Once the raw scores have been transformed non-linearly, the sum of parts can no longer correspond exactly to the whole. In fact, when mean measures for parts are plotted against the measure for the whole, the mean measures on part-tests are necessarily more extreme than the measures on the whole-test. Low part-test mean measures must be lower than their whole-test counterparts. High part-test mean measures are higher than their whole-test counterparts. Thus, when mean part-test measures are compared with whole-test measures, the mean part-test measures spread out more than their whole-test counterparts. In short, the variance of mean subtest measures is greater than the variance of whole test measures.
Part-test vs. Whole-test Measures S.E.(Composite measure) = 1 / √ ( Σ ( 1 / S.E.(Measure(subtest))² )) |
Why does this happen? There are two causes:
1. The effect of asymmetric non-linearity on score exchanges among part-tests. The Figure shows what happens when a person takes a whole-test with 200 dichotomous items, each of difficulty 0 logits and achieves a whole-test score of 150 correct. Look at the red line in Figure 1. The whole-test measure is log_{e}(150/50) = 1.1 logits. But what happens when this performance is partitioned into two subtests of 100 items? When the score on both subtests is 75, then the mean subtest measure is log_{e}(75/25) = 1.1 logits. But when one subset score is 90, then the other must be 60. Now the mean of the two subset measures becomes [log_{e}(90/10) + log_{e}(60/40)]/2 = [log_{e}(9) + log_{e}(1.5)]/2 = 1.3, i.e., higher! So, as the scores on the two subtests diverge, while maintaining the same total score, the mean subtest measure becomes higher. The mean measure becomes infinite when the score on one subtest is a perfect 100, and on the other test a middling 50.
The effect of asymmetric non-linearity on score exchanges results from the difference between any original raw (once only, specific, now a matter of history) data and its (inferential, general, to be useful in the future) meaning. Only when all part-test percent corrects are identical to their whole-test percent corrects, and all the part-test measures they imply are identical to the whole-test measures they imply, do mean part-test measures approach equality to whole-test measures.
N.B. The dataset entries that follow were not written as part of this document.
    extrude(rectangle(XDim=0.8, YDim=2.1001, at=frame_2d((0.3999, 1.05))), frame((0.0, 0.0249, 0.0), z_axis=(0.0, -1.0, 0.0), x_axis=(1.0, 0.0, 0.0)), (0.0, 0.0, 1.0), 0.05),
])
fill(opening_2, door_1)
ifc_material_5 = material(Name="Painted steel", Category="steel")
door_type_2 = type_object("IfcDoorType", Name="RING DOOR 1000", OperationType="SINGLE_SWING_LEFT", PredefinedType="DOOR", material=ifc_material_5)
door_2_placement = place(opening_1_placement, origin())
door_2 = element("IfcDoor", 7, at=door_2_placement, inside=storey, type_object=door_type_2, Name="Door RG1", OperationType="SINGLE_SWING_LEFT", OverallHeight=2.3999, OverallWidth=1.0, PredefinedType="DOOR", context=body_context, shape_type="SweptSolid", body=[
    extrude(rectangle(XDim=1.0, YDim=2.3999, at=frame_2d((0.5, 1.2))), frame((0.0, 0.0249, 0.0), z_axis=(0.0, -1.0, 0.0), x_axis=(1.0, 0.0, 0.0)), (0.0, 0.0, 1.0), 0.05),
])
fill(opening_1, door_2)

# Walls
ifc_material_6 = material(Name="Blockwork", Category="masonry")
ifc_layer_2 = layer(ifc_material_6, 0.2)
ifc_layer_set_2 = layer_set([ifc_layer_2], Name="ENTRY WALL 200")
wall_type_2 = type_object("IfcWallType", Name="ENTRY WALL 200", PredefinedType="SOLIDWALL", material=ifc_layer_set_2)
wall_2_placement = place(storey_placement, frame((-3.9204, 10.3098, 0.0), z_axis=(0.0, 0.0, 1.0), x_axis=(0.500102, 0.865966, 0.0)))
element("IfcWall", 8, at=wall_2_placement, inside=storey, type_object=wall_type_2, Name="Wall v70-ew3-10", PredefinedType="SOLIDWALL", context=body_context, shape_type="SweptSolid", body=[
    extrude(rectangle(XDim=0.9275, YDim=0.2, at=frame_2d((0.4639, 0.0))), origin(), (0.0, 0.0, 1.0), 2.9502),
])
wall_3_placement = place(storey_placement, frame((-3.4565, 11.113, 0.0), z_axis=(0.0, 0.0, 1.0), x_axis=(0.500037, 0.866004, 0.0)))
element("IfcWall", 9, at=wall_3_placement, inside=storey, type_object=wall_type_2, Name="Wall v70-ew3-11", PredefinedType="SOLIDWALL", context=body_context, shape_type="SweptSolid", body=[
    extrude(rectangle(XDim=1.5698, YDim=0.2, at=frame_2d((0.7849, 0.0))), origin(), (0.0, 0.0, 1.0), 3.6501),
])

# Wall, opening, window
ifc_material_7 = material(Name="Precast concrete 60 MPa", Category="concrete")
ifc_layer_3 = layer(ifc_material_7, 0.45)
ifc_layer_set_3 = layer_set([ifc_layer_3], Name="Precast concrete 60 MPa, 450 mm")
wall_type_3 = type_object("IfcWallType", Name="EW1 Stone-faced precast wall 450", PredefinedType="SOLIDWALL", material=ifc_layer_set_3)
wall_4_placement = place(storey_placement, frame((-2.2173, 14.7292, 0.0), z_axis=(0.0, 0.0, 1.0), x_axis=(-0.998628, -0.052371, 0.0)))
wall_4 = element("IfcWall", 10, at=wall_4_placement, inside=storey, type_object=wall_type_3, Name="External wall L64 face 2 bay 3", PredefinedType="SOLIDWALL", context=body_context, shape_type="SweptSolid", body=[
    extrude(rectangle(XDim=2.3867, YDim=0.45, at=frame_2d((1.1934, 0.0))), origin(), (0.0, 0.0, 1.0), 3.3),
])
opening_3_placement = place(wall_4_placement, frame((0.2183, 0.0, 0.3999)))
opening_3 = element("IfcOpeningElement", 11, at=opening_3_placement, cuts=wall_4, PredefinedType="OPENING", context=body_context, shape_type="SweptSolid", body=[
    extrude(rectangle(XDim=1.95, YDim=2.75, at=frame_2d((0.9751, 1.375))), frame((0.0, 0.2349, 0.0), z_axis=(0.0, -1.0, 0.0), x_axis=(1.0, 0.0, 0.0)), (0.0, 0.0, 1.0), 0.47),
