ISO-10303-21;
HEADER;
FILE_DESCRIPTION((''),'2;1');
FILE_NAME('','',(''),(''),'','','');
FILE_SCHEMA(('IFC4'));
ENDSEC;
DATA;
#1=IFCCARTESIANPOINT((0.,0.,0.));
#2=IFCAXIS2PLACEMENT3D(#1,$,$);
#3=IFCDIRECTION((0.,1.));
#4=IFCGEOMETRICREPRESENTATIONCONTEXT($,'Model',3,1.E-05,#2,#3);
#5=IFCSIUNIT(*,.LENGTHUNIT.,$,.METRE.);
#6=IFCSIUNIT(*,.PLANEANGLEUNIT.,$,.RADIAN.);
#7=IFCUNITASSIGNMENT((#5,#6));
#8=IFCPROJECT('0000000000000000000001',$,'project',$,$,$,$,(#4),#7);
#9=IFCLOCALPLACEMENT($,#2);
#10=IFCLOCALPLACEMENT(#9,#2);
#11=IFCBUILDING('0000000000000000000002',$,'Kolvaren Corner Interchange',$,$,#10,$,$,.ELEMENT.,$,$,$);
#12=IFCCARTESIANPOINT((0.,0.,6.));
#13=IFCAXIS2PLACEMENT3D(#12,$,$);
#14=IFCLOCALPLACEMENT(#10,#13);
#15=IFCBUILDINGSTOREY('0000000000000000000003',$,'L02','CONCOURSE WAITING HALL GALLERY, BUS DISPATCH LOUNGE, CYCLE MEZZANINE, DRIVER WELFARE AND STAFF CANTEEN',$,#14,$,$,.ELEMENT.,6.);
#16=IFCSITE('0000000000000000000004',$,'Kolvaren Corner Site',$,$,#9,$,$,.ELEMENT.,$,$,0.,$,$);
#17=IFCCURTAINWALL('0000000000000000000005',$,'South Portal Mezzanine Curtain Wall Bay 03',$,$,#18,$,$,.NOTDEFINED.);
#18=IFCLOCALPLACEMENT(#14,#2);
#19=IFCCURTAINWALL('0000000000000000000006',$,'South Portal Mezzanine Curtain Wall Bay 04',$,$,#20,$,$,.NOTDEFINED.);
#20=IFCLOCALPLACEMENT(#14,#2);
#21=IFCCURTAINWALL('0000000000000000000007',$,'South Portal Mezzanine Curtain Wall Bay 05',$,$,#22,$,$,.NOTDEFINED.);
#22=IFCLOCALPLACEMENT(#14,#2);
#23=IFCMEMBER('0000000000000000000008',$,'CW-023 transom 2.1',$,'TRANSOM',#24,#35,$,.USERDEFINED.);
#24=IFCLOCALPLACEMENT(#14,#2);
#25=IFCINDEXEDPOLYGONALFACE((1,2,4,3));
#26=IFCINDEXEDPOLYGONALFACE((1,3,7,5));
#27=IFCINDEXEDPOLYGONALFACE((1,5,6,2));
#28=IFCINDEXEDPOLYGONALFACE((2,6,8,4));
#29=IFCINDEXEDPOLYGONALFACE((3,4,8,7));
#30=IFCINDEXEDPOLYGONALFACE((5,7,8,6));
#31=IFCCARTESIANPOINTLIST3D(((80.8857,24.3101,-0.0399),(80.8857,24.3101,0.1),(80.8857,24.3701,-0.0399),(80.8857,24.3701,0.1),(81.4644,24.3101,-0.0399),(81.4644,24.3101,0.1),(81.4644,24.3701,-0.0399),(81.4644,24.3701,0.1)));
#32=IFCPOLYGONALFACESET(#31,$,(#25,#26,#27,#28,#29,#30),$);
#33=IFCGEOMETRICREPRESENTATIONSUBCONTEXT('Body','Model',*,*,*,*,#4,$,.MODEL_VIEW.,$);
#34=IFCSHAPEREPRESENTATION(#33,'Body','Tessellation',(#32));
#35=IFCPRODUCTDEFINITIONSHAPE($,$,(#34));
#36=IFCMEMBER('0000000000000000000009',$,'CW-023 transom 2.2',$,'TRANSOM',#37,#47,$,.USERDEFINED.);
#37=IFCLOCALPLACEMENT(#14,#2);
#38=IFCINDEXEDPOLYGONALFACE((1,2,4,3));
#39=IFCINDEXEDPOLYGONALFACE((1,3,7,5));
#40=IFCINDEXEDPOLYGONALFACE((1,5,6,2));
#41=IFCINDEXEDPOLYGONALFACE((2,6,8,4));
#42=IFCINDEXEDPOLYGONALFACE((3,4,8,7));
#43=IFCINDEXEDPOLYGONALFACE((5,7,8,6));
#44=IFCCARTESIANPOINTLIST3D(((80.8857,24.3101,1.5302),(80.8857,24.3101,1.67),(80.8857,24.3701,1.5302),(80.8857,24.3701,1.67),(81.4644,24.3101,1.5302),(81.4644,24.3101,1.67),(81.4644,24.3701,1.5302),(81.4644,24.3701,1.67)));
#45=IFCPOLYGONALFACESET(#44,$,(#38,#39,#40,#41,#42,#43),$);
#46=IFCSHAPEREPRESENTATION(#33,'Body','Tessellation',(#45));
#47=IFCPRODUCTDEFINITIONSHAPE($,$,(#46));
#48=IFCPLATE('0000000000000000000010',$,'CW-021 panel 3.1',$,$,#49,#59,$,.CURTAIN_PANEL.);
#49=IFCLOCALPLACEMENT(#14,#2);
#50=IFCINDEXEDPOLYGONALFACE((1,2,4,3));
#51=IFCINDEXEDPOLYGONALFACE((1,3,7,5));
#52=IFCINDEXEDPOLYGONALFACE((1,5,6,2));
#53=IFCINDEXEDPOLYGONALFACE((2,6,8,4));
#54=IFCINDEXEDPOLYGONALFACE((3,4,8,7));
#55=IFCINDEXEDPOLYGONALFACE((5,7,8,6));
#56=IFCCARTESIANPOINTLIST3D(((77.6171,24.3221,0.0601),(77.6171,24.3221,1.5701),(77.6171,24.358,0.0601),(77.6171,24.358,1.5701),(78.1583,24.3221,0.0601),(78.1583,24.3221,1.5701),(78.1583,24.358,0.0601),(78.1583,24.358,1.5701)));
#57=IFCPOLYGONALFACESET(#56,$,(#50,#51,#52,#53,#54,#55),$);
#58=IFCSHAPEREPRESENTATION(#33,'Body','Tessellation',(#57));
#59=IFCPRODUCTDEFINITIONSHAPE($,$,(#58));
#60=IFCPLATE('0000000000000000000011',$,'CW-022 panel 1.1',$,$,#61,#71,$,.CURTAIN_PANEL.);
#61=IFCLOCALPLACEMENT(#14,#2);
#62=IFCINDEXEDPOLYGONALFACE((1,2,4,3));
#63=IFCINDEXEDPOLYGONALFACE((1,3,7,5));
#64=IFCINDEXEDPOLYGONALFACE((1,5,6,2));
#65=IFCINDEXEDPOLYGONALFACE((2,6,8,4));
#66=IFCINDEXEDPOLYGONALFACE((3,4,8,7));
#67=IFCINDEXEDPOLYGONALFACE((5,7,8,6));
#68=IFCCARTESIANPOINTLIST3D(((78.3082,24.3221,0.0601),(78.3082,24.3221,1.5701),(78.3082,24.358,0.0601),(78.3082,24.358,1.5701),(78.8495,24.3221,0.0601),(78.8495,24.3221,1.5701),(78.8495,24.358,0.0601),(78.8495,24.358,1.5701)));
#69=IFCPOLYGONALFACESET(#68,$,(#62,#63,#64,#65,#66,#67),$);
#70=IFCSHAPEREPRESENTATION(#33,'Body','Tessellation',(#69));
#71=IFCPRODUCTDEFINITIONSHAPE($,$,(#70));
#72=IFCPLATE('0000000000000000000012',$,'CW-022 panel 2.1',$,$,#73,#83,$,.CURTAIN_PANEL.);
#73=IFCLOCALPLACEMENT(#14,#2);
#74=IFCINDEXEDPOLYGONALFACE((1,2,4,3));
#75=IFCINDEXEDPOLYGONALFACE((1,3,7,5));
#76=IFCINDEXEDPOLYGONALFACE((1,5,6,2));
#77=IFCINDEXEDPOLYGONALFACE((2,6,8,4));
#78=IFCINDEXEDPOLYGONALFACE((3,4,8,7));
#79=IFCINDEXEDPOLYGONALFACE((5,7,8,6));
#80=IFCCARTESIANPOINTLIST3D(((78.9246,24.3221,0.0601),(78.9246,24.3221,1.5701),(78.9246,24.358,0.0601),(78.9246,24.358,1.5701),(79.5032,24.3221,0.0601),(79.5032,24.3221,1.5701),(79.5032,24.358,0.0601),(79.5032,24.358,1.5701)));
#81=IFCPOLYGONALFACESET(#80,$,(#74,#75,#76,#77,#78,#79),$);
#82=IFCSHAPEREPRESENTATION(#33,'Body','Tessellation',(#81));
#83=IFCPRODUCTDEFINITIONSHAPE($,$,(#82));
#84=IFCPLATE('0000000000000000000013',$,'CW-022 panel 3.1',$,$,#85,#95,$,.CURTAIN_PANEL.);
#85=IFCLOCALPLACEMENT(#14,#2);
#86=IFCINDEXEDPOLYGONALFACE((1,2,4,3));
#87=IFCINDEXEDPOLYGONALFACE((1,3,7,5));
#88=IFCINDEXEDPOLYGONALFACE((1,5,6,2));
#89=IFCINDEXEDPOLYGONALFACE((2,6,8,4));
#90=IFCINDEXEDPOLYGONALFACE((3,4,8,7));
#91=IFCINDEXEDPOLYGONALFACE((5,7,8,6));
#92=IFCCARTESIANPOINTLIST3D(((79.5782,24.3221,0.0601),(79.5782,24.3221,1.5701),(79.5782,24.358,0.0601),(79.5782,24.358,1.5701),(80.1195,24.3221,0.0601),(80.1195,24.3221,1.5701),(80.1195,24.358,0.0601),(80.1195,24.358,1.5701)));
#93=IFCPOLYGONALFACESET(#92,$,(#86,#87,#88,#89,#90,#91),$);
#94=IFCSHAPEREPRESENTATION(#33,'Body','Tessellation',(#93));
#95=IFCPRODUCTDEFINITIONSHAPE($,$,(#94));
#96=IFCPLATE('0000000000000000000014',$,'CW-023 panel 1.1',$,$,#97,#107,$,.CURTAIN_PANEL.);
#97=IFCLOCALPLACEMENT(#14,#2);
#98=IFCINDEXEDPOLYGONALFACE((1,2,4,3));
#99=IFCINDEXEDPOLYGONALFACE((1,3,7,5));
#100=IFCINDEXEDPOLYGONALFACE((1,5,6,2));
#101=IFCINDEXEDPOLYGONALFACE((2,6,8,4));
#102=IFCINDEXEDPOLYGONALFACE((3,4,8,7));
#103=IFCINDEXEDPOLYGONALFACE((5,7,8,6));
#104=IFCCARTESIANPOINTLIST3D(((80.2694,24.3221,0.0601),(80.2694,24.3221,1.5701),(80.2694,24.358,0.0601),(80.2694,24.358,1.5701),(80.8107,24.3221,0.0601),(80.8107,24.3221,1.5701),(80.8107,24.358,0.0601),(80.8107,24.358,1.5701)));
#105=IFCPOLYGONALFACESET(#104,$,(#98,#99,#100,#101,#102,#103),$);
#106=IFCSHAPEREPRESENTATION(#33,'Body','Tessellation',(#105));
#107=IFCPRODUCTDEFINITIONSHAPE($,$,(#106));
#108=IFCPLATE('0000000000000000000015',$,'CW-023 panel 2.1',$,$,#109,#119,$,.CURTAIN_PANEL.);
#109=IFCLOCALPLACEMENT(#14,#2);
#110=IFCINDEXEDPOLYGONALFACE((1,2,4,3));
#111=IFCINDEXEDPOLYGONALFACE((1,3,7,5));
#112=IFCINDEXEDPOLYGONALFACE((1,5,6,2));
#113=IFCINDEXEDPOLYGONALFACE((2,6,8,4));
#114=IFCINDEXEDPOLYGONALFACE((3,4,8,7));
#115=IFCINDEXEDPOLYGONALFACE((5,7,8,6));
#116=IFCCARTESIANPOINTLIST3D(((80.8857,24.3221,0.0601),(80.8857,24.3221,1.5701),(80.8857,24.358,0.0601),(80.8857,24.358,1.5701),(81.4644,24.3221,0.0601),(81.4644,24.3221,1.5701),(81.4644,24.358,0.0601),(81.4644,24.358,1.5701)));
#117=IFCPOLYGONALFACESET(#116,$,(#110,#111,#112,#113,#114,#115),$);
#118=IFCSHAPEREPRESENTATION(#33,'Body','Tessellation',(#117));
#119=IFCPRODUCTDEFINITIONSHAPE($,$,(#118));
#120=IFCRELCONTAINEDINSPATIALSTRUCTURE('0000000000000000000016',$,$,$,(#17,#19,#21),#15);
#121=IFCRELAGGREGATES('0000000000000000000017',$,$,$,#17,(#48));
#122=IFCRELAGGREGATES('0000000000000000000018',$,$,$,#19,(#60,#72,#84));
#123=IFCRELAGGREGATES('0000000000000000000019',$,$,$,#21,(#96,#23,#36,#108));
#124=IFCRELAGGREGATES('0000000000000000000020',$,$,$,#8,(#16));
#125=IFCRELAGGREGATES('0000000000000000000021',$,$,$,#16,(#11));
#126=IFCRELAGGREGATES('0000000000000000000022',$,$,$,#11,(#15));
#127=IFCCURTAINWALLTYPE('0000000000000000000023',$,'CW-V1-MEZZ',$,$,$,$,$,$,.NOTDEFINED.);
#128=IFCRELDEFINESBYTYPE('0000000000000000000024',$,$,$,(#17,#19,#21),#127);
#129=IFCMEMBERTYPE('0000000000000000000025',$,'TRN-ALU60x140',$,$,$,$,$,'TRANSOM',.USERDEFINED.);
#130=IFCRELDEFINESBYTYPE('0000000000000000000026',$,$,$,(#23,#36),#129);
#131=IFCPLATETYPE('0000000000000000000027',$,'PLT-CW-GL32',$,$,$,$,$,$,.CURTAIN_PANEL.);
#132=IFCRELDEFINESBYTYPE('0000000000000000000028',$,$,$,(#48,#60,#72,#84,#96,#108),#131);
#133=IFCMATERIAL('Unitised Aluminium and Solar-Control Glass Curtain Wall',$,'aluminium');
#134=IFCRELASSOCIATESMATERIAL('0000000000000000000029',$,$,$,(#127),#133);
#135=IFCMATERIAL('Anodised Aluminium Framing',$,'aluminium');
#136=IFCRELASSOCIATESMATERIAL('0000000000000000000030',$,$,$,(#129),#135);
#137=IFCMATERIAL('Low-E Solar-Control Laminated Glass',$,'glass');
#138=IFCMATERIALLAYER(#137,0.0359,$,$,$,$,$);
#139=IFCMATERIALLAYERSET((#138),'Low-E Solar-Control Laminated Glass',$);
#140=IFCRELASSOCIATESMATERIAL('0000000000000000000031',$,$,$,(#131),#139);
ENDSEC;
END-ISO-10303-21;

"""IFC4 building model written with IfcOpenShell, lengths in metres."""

from ifc_helpers import new_model, si_unit, direction, frame, origin, origin_2d, place, context, subcontext, project, spatial, rectangle, extrude, material, layer, layer_set, material_profile, profile_set, type_object, element, aggregate, save


model = new_model("IFC4")

# Units and contexts
model_context = context("Model", 3, precision=1e-05, world=origin(), true_north=direction((0.0, 1.0)))
body_context = subcontext(model_context, "Body", "Model", "MODEL_VIEW")
ifc_project = project(units=[si_unit("LENGTHUNIT", "METRE"), si_unit("PLANEANGLEUNIT", "RADIAN")], contexts=[model_context])

# Site, building, storey
site_placement = place(None, origin())
site = spatial("IfcSite", under=ifc_project, at=site_placement, Name="Kolvaren Corner Site", CompositionType="ELEMENT", RefElevation=0.0)
building_placement = place(site_placement, origin())
building = spatial("IfcBuilding", under=site, at=building_placement, Name="Kolvaren Corner Interchange", CompositionType="ELEMENT")
storey_placement = place(building_placement, frame((0.0, 0.0, 6.0)))
storey = spatial("IfcBuildingStorey", under=building, at=storey_placement, Name="L02", Description="CONCOURSE WAITING HALL GALLERY, BUS DISPATCH LOUNGE, CYCLE MEZZANINE, DRIVER WELFARE AND STAFF CANTEEN", CompositionType="ELEMENT", Elevation=6.0)

# Curtain wall
ifc_material_1 = material(Name="Unitised Aluminium and Solar-Control Glass Curtain Wall", Category="aluminium")
curtain_wall_type = type_object("IfcCurtainWallType", Name="CW-V1-MEZZ", PredefinedType="NOTDEFINED", material=ifc_material_1)
curtain_wall_1_placement = place(storey_placement, origin())
curtain_wall_1 = element("IfcCurtainWall", 1, at=curtain_wall_1_placement, inside=storey, type_object=curtain_wall_type, Name="South Portal Mezzanine Curtain Wall Bay 03", PredefinedType="NOTDEFINED")

# Curtain walls
curtain_wall_2_placement = place(storey_placement, origin())
curtain_wall_2 = element("IfcCurtainWall", 2, at=curtain_wall_2_placement, inside=storey, type_object=curtain_wall_type, Name="South Portal Mezzanine Curtain Wall Bay 04", PredefinedType="NOTDEFINED")
curtain_wall_3_placement = place(storey_placement, origin())
curtain_wall_3 = element("IfcCurtainWall", 3, at=curtain_wall_3_placement, inside=storey, type_object=curtain_wall_type, Name="South Portal Mezzanine Curtain Wall Bay 05", PredefinedType="NOTDEFINED")

# Members
ifc_material_2 = material(Name="Anodised Aluminium Framing", Category="aluminium")
ifc_material_profile_1 = material_profile(ifc_material_2, rectangle(XDim=0.0601, YDim=0.1399, at=origin_2d()), Name="ALU 60x140")
ifc_profile_set_1 = profile_set([ifc_material_profile_1], Name="Anodised Aluminium Framing")
member_type_1 = type_object("IfcMemberType", Name="TRN-ALU60x140", ElementType="TRANSOM", PredefinedType="USERDEFINED", material=ifc_profile_set_1)
member_1_placement = place(storey_placement, frame((80.8857, 24.3401, 0.03), z_axis=(1.0, 0.0, 0.0), x_axis=(0.0, 1.0, 0.0)))
member_1 = element("IfcMember", 4, at=member_1_placement, type_object=member_type_1, Name="CW-023 transom 2.1", ObjectType="TRANSOM", PredefinedType="USERDEFINED", context=body_context, shape_type="SweptSolid", body=[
As we investigate this, at first surprising but later persuasive, realization we discover that as the (surely to be expected) within person variation among part-test measures increases, the asymmetric effect of score exchanges on measures increases the variance of part-test measures and their means, making the distribution of part-test measures and means wider than the distribution of their corresponding whole-test measures. This happens no matter how carefully all item difficulties are anchored in the same well-constructed item bank and even when the part-tests exhaust the items in the whole test.
2. The increase in measurement error due to fewer items in the part-tests. Measurement error inflates measure variance. The observed sample measure variance on any test has two components: the "true", unobservably exact, variance of the sample and the error inevitably inherent in estimating each measure.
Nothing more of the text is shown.